Third in last year’s national championships, Bogart climbed to first place after training harder and getting in better shape, she said. Yet the result still surprised her.

“I knew I had pushed as hard as I could but was quite shocked to learn I had come in first,” she said. “I had trained hard, remained relaxed and 100% focused throughout the entire race, and it had paid off.”

She found the experience extremely rewarding.

“As I stood on the podium, it is very hard to explain the feeling of joy and gratitude I felt to have received a gold medal and to have been given the opportunity to compete,” Bogart said. “When I was growing up, I never dreamed there would be opportunities available for older adults to compete at high levels.”

Bogart’s passion for sports and competition extends back to her early childhood.

“From the time I can remember, I wanted to throw, bat, run, compete,” she said.

At the time, women’s sports were not prevalent, but Bogart began taking tennis lessons and entered tournaments as a pre-teen, she said, in part due to encouragement from her parents.

“Girls were not encouraged to be athletes then, but I was very fortunate.
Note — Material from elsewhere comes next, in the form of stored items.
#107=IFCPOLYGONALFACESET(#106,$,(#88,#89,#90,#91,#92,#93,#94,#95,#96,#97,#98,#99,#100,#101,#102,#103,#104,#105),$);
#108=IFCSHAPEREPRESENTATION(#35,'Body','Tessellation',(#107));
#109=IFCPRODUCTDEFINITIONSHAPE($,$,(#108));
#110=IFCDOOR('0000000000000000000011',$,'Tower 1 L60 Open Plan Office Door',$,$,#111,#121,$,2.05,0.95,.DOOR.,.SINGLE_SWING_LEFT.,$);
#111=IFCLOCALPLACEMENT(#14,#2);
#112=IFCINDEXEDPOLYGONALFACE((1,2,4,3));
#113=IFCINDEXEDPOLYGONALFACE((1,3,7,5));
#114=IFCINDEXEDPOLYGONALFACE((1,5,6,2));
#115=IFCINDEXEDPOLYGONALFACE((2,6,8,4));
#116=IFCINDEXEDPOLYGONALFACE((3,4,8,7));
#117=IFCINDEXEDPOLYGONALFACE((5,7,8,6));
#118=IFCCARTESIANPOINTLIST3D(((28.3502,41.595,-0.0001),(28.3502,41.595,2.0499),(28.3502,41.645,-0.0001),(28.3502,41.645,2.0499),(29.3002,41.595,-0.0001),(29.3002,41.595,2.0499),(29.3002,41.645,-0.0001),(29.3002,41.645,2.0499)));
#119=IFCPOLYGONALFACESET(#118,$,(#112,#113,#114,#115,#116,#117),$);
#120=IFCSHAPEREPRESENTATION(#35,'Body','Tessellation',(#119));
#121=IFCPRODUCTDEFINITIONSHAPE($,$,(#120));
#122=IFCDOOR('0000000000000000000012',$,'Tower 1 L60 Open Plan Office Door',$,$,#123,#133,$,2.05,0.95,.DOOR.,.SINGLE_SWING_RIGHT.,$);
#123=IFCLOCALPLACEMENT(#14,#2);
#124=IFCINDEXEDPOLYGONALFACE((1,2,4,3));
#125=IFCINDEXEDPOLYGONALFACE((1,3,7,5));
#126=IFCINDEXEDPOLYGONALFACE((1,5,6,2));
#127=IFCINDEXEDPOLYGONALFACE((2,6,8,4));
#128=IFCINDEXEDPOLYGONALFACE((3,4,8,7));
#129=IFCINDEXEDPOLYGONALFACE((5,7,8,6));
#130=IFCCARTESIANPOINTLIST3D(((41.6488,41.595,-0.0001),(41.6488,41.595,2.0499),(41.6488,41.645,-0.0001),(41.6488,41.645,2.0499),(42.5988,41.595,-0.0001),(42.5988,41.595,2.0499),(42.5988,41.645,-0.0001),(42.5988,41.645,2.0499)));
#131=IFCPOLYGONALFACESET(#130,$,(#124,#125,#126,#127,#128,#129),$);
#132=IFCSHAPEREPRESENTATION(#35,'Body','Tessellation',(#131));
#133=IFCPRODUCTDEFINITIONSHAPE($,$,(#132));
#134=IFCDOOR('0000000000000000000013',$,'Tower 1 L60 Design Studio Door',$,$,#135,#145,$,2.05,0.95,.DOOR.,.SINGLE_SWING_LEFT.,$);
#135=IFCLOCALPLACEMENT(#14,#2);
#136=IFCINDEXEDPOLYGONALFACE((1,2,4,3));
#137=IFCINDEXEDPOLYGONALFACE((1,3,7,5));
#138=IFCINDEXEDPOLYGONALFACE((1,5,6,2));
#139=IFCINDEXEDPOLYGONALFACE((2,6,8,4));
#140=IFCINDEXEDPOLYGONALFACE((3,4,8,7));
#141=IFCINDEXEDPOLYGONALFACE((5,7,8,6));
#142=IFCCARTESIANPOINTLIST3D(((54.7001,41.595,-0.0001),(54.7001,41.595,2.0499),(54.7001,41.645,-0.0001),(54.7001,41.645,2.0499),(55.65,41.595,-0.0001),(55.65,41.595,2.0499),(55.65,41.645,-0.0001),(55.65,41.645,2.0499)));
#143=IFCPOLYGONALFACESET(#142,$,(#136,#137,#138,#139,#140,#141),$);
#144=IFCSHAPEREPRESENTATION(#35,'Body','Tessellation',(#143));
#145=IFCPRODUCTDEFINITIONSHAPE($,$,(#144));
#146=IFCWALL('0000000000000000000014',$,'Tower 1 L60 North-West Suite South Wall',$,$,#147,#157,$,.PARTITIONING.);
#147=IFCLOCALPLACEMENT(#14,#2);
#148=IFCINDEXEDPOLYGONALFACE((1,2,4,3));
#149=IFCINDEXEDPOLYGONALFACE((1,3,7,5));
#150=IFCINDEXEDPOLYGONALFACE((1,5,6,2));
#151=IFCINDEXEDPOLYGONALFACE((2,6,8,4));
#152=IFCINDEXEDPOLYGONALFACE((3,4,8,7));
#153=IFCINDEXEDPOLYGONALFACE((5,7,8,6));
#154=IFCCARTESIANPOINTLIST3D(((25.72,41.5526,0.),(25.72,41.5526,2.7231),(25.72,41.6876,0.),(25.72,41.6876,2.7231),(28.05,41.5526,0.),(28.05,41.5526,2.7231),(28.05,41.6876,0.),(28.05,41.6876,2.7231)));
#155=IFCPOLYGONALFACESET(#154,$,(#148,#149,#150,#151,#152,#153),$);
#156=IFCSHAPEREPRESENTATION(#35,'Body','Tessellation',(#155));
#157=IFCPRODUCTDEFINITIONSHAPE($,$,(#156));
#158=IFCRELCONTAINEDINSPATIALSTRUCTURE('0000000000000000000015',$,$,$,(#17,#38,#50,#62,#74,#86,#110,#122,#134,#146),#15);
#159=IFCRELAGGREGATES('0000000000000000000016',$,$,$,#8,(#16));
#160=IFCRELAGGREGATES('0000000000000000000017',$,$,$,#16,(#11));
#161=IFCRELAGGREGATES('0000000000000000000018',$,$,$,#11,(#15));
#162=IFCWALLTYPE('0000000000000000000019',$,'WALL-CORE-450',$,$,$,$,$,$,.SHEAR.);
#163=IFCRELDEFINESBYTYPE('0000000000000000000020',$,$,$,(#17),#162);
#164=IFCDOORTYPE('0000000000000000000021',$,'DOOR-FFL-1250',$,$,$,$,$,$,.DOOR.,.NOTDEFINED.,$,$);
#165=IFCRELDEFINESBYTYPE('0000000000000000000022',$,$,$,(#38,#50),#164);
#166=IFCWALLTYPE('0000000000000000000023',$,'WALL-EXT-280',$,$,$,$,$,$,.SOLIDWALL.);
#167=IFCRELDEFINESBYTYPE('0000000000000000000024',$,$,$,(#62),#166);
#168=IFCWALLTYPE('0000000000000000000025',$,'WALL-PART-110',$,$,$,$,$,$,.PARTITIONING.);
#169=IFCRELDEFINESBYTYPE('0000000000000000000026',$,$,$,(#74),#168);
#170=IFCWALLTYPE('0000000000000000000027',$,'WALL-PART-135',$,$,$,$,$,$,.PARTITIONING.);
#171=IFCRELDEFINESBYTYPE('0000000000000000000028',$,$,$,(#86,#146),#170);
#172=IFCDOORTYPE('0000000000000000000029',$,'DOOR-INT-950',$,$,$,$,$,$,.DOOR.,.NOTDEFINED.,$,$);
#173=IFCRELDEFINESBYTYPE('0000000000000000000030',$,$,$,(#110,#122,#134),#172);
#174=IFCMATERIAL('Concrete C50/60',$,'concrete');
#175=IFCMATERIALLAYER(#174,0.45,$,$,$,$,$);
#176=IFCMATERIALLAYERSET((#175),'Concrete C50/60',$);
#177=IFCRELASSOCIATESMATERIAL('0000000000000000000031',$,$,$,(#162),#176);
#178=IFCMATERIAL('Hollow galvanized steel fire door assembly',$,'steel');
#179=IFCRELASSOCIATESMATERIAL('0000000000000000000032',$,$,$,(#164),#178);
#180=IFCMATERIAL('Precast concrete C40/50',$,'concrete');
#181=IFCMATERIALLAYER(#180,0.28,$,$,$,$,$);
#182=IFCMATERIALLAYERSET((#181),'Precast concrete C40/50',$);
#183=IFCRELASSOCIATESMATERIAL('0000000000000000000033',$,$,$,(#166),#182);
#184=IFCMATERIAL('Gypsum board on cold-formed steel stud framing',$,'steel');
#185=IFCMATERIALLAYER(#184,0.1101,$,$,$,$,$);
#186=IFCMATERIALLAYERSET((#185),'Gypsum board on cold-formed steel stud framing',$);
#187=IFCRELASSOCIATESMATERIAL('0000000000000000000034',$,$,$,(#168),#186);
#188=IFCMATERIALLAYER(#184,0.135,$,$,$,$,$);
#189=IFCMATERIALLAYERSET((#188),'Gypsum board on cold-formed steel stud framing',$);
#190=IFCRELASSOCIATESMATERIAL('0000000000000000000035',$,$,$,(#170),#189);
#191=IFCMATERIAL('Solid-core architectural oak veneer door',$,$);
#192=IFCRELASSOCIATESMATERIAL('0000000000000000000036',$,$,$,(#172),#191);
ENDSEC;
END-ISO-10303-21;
My parents somehow sensed my desire and need to compete,” she said.

However, Bogart experienced a lull in competition during her high school years. Her family moved to Sonoma at the end of her freshman year, and her new high school did not have a varsity girls tennis team.

“I stopped traveling to tennis tournaments and relied on hitting balls on the garage door or the side of a school building,” she said.

By the time Bogart entered college at UC Davis, she witnessed a “time of tremendous change and growth in women’s sports.” Women’s college sports were beginning to receive funding to travel around the state for competitions, among other advancements, and she joined the tennis, basketball, volleyball and field hockey teams at Davis.

Although that was before Title IX – a federal law enacted in 1972 that prohibits discrimination on the basis of sex in any education program or activity funded by the government – it “was an exciting time to be an athlete. … I did not have to deal with the pressure of maintaining a scholarship, the importance of winning above all else, or the worry of how much money I would make someday,” Bogart said. “And I was still able to gain many of the lifelong benefits one can receive by competing. … How fortunate I was to compete for the pure love of sport.”

After graduating from Davis in 1966, Bogart continued her passion for sports as she got married and raised a family. In addition to working as a high school physical education teacher, she played in tennis tournaments and took up running and biking.

While Bogart still enjoys competing, she’s unsure about traveling to Edmonton in August for the world championships. She doesn’t like to look that far ahead, she said, because “at my age, I realize it is better to live in the moment – take one day at a time.”